Here he was, he thought, a white guy wearing Jackson Hole outdoor sports clothes driving a new rental very slowly, looking off to the side instead of through the windshield, windows down. He was sending a signal and some of them were picking it up.

The intersection of South State Street and 71st had the right feel to him, he thought. There was a well-lit BP station there, lights so bright and blazing in the dark neighborhood that it was hard to see anything else. Nate noted the young clientele inside the BP convenience store, and the high counters and Plexiglas that had been installed inside to act as a barrier between the clerks and their customers. He backed in on the side of the station, out of the harsh light. He couldn’t see inside the station, and the employees couldn’t see him. Nate scanned the light poles and roofs of adjacent buildings for security cameras. They were there, all right, but he knew as long as he stayed in the rental in the low light, he couldn’t be identified.

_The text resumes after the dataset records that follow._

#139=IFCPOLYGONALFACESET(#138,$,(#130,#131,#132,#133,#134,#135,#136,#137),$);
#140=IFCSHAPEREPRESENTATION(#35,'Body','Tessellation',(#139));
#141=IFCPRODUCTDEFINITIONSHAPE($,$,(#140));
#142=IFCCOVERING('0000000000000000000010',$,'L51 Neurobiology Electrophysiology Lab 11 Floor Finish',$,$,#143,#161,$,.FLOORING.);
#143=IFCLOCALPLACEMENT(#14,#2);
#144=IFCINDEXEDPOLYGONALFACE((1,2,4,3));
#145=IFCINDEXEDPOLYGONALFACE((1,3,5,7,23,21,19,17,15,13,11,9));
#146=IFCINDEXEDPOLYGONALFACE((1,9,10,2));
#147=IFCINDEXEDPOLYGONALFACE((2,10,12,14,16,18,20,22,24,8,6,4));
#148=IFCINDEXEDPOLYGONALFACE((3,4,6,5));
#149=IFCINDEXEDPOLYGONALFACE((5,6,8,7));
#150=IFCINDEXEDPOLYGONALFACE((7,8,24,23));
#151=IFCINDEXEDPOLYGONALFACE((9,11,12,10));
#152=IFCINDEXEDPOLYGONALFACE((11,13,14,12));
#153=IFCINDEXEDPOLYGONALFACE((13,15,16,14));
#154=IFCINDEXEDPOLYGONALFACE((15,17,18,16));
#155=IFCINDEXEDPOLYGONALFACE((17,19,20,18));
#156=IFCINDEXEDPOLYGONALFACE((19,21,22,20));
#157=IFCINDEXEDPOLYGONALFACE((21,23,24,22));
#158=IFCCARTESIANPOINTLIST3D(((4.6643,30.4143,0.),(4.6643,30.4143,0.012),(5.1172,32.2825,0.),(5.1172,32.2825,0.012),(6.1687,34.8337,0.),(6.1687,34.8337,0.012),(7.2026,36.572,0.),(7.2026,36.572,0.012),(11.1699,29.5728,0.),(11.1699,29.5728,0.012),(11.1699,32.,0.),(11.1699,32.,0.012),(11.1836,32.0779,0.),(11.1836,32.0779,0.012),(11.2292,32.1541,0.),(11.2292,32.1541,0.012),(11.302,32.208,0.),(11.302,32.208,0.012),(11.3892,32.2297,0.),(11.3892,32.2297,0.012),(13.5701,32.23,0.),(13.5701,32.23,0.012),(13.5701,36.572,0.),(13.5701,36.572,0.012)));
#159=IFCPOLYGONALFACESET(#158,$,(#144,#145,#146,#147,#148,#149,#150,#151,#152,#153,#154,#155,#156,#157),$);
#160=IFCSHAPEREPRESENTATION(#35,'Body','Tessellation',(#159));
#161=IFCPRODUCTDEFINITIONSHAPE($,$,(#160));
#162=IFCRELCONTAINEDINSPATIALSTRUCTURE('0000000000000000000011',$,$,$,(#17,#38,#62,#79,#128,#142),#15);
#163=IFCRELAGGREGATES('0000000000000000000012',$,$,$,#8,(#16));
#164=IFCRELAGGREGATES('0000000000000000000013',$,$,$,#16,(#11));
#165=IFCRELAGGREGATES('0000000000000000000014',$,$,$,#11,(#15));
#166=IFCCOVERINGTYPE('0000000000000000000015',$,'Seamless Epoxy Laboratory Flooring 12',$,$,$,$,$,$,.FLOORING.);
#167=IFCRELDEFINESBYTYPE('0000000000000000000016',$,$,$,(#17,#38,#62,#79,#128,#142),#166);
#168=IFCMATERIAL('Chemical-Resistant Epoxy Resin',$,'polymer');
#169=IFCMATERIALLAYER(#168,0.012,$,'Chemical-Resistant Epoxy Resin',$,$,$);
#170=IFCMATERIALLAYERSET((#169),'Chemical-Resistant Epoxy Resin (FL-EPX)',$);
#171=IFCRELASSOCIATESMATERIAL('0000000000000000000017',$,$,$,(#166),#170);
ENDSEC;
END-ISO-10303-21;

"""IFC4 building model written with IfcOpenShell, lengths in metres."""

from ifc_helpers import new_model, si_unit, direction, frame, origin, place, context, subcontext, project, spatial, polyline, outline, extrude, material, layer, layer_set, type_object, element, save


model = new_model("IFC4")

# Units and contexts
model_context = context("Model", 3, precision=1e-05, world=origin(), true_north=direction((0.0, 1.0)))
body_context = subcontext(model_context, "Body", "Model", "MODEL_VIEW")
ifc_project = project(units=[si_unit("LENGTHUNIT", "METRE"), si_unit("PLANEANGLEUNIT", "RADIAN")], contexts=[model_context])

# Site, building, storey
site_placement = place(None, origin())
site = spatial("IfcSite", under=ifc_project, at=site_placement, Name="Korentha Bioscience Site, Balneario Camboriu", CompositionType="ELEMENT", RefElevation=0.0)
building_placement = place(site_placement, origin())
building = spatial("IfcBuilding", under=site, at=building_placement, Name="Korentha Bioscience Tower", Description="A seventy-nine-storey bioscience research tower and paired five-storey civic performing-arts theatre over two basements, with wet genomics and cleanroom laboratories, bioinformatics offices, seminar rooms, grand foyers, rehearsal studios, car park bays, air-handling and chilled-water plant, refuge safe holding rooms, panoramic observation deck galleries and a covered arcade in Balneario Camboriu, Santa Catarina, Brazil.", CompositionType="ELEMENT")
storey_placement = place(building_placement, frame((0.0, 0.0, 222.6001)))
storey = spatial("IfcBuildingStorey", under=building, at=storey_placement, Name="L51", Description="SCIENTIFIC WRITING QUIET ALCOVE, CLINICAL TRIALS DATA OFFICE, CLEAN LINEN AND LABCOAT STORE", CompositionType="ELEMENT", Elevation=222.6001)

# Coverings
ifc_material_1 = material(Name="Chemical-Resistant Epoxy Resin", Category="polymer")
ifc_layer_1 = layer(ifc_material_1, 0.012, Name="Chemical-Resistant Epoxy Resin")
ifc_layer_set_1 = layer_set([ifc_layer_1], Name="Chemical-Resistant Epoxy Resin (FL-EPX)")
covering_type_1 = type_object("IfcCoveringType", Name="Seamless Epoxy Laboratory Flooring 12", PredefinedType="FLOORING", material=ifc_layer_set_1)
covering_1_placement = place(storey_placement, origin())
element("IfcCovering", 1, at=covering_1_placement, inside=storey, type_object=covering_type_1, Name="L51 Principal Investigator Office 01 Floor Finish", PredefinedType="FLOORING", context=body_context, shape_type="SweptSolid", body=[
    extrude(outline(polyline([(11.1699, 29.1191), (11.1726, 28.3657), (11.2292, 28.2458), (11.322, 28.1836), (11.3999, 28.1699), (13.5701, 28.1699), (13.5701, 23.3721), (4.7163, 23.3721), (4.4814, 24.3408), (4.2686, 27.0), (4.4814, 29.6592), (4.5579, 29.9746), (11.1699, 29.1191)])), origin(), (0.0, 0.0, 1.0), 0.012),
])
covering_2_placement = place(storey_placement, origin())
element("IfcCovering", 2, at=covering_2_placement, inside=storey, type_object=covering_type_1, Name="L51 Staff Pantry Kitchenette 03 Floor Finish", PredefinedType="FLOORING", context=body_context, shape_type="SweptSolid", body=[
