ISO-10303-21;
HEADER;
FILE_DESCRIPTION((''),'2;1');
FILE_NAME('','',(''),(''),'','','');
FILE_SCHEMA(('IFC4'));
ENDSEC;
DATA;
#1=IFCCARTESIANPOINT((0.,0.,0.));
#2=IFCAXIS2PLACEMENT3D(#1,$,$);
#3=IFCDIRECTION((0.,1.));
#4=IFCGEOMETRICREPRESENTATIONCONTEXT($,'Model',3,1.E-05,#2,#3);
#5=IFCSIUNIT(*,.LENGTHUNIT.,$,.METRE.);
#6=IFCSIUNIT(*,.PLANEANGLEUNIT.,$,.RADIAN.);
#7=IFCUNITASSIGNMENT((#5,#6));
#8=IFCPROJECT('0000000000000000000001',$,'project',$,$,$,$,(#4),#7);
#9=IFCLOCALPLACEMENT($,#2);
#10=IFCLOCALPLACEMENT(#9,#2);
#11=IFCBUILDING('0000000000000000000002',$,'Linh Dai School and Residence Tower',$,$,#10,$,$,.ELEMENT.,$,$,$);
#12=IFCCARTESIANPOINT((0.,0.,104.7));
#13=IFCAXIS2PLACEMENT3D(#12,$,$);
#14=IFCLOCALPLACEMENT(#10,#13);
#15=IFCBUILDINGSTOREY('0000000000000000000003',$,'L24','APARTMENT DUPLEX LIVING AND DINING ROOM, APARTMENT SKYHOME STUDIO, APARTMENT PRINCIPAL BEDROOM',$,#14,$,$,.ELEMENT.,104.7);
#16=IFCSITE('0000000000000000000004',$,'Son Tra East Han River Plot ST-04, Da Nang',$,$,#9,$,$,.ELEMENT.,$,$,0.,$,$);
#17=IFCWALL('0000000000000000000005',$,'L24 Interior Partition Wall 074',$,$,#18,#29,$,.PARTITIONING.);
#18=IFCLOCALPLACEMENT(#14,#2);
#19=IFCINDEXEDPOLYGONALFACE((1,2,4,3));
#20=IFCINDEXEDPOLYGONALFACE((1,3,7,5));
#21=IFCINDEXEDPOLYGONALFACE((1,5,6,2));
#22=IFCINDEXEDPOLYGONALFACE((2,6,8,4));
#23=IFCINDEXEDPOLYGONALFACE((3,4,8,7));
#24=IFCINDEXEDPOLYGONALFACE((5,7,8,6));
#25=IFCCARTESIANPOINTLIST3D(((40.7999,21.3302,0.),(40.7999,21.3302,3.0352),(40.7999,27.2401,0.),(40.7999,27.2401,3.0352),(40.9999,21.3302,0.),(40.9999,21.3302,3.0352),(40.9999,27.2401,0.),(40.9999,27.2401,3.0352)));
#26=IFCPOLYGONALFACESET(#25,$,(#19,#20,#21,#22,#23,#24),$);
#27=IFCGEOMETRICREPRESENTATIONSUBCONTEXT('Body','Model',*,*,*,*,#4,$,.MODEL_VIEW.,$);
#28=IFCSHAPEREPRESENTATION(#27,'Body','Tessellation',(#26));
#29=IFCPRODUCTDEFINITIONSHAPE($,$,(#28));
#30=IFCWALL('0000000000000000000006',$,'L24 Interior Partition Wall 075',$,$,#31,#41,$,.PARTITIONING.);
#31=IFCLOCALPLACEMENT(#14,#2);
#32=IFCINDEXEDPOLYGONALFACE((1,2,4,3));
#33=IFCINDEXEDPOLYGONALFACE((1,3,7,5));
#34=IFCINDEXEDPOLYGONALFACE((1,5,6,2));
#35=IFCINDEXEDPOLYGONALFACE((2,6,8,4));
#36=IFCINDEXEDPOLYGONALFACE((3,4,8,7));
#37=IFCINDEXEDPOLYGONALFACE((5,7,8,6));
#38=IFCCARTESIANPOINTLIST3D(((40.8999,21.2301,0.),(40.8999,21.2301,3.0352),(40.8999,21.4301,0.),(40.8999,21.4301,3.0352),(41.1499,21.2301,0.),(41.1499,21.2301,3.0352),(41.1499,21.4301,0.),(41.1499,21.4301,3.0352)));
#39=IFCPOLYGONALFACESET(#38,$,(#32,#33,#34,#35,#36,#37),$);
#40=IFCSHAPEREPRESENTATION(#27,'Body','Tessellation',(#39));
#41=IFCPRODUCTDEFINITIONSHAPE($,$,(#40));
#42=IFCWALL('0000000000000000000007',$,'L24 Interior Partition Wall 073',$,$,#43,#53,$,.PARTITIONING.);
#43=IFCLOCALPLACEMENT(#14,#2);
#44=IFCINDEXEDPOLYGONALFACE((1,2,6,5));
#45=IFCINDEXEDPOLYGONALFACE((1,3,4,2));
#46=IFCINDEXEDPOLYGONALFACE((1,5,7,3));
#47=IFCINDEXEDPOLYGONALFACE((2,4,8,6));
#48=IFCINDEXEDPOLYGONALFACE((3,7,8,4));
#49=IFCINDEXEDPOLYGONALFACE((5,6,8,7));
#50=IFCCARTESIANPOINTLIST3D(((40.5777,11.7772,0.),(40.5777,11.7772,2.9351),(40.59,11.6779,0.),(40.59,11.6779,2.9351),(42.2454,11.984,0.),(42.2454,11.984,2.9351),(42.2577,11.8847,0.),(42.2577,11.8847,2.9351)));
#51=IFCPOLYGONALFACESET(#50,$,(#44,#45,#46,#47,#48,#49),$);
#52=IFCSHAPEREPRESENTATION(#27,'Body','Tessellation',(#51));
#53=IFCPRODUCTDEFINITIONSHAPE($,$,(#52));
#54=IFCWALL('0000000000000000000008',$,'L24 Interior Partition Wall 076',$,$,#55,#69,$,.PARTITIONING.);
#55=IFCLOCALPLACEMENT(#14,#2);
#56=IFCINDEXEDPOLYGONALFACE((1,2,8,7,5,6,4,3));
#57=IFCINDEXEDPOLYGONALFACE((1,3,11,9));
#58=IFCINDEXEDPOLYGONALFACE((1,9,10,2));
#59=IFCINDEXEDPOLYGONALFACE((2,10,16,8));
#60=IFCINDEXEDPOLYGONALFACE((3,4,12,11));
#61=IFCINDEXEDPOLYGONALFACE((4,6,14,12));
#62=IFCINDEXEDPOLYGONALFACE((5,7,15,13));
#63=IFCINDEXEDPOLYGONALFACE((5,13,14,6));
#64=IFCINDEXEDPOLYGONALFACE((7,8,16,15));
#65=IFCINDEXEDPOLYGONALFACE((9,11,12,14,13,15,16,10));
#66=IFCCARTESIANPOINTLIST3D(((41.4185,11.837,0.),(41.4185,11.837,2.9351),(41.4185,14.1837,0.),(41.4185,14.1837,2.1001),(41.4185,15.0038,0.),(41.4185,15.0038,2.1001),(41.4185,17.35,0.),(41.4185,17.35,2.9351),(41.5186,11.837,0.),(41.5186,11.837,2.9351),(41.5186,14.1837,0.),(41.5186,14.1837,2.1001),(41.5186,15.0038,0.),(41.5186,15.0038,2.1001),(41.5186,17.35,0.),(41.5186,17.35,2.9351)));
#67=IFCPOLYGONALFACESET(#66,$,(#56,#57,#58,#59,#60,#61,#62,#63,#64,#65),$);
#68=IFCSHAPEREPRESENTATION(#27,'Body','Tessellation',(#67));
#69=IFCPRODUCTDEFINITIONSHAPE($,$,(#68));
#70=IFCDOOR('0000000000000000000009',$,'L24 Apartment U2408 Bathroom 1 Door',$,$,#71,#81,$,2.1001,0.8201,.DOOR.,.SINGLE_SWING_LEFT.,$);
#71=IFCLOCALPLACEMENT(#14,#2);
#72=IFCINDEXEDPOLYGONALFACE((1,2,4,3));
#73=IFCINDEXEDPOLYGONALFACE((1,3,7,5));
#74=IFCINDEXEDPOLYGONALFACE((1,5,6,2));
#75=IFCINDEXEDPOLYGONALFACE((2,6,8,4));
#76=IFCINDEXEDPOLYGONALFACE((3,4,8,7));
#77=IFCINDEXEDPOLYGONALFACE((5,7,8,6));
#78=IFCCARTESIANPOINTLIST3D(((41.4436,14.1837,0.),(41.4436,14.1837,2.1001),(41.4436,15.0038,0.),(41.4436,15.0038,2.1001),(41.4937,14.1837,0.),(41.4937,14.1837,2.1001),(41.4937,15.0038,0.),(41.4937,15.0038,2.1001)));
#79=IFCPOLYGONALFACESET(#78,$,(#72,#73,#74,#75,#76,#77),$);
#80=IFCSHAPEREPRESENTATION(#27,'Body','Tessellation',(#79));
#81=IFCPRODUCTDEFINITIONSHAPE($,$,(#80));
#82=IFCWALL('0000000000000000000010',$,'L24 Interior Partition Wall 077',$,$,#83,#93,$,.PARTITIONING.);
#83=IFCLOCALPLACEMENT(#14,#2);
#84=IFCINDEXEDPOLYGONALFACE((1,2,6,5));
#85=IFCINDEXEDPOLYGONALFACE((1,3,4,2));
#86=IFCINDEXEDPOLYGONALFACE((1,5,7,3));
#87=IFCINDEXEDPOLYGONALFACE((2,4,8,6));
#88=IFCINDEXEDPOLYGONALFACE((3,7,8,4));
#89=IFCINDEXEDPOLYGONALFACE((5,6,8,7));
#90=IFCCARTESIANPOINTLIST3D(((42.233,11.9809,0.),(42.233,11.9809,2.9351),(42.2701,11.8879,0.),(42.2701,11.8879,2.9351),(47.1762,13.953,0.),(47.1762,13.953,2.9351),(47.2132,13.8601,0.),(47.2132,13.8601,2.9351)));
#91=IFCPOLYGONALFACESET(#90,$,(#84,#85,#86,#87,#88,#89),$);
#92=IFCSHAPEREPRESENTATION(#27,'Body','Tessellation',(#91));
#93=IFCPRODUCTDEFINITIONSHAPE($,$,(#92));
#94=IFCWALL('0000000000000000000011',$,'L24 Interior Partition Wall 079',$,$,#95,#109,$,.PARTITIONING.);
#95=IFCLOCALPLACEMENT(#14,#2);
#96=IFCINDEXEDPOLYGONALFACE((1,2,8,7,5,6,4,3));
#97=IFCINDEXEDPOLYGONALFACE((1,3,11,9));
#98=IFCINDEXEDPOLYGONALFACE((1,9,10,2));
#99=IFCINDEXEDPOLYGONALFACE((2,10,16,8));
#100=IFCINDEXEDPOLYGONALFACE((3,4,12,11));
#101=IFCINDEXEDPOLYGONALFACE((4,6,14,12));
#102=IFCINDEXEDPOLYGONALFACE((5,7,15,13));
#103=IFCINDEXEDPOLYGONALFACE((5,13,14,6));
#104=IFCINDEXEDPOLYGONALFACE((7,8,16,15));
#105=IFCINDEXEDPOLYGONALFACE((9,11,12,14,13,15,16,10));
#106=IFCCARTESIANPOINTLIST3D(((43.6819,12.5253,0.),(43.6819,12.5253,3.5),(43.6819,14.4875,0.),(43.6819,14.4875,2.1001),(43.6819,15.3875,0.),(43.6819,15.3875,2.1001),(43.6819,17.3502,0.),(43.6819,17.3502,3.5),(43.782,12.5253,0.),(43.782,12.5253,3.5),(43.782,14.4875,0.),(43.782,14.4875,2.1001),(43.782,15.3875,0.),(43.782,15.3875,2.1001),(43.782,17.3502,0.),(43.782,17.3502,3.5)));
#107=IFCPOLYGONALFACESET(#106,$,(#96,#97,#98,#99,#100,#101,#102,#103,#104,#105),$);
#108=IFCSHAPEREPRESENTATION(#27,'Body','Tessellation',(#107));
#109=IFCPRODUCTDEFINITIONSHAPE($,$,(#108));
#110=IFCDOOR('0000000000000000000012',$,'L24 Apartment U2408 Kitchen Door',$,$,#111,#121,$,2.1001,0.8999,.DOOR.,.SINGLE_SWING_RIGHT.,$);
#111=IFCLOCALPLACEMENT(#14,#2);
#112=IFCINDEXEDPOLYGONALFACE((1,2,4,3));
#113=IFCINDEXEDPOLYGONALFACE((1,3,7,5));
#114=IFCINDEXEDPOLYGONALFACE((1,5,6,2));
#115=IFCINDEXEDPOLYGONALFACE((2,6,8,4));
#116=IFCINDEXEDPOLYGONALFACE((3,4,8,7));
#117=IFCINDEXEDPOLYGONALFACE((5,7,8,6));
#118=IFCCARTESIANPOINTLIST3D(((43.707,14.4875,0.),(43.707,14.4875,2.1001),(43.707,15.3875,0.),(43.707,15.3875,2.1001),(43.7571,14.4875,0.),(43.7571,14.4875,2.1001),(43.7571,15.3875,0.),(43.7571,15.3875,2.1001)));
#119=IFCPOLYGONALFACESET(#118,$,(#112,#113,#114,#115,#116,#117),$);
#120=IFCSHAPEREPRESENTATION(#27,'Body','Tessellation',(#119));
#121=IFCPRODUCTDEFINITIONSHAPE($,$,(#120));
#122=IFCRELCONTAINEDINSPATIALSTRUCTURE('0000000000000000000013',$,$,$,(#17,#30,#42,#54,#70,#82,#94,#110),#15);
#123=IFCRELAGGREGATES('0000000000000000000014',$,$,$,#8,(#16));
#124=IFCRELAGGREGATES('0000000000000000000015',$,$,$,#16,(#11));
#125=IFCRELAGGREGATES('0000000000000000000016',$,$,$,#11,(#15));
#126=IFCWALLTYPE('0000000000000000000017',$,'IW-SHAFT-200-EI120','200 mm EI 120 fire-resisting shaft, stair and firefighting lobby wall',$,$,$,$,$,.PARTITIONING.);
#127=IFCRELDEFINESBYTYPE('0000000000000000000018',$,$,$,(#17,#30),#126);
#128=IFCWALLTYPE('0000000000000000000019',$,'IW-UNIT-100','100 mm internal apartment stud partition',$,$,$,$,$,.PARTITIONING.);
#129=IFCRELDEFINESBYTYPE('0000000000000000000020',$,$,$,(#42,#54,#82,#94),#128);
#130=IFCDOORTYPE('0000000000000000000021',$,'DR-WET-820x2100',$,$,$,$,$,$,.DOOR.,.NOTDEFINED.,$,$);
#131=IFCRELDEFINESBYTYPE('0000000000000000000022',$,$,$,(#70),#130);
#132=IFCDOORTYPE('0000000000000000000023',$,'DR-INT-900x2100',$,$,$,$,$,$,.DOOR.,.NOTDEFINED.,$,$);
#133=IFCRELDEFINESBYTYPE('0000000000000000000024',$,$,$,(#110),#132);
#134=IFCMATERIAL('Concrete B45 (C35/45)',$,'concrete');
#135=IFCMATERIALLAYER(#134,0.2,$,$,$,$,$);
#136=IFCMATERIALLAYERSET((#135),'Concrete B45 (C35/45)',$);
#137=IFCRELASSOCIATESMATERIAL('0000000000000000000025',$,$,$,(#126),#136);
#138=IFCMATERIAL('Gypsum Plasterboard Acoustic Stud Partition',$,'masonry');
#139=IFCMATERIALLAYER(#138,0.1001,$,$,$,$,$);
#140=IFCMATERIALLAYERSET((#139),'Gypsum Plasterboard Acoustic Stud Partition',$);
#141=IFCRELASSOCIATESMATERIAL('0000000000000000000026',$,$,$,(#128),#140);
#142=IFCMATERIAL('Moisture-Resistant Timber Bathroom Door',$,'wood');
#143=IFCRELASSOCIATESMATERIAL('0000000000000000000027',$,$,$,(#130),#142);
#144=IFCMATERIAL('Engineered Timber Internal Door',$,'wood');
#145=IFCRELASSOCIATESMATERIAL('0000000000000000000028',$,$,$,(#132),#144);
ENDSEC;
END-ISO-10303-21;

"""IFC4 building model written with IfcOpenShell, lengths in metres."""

from ifc_helpers import new_model, si_unit, direction, frame, frame_2d, origin, origin_2d, place, context, subcontext, project, spatial, rectangle, extrude, source, transform, mapped, material, layer, layer_set, type_object, element, fill, save


model = new_model("IFC4")

# Units and contexts
model_context = context("Model", 3, precision=1e-05, world=origin(), true_north=direction((0.0, 1.0)))
body_context = subcontext(model_context, "Body", "Model", "MODEL_VIEW")
ifc_project = project(units=[si_unit("LENGTHUNIT", "METRE"), si_unit("PLANEANGLEUNIT", "RADIAN")], contexts=[model_context])

# Site, building, storey
site_placement = place(None, origin())
site = spatial("IfcSite", under=ifc_project, at=site_placement, Name="Son Tra East Han River Plot ST-04, Da Nang", CompositionType="ELEMENT", RefElevation=0.0)
building_placement = place(site_placement, origin())
building = spatial("IfcBuilding", under=site, at=building_placement, Name="Linh Dai School and Residence Tower", CompositionType="ELEMENT")
storey_placement = place(building_placement, frame((0.0, 0.0, 104.7)))
storey = spatial("IfcBuildingStorey", under=building, at=storey_placement, Name="L24", Description="APARTMENT DUPLEX LIVING AND DINING ROOM, APARTMENT SKYHOME STUDIO, APARTMENT PRINCIPAL BEDROOM", CompositionType="ELEMENT", Elevation=104.7)

# Walls
ifc_material_1 = material(Name="Concrete B45 (C35/45)", Category="concrete")
ifc_layer_1 = layer(ifc_material_1, 0.2)
ifc_layer_set_1 = layer_set([ifc_layer_1], Name="Concrete B45 (C35/45)")
wall_type_1 = type_object("IfcWallType", Name="IW-SHAFT-200-EI120", Description="200 mm EI 120 fire-resisting shaft, stair and firefighting lobby wall", PredefinedType="PARTITIONING", material=ifc_layer_set_1)
wall_1_placement = place(storey_placement, frame((40.8999, 21.3301, 0.0), z_axis=(0.0, 0.0, 1.0), x_axis=(0.0, 1.0, 0.0)))
element("IfcWall", 1, at=wall_1_placement, inside=storey, type_object=wall_type_1, Name="L24 Interior Partition Wall 074", PredefinedType="PARTITIONING", context=body_context, shape_type="SweptSolid", body=[
    extrude(rectangle(XDim=5.9099, YDim=0.2, at=frame_2d((2.9551, 0.0))), origin(), (0.0, 0.0, 1.0), 3.0352),
])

It was a noisy intersection. Vehicles streamed below the State Street overpass, and he heard snatches of heavy bass from open windows. But on top it was a different level of darkness and mood.

Low-slung retail shops lined 71st: tattoo parlors, pawnshops, dollar stores, hair salons. Accordion-style security gates were up across the doors, and every window he could see was barred. Lights from inside the closed shops were dull and soft.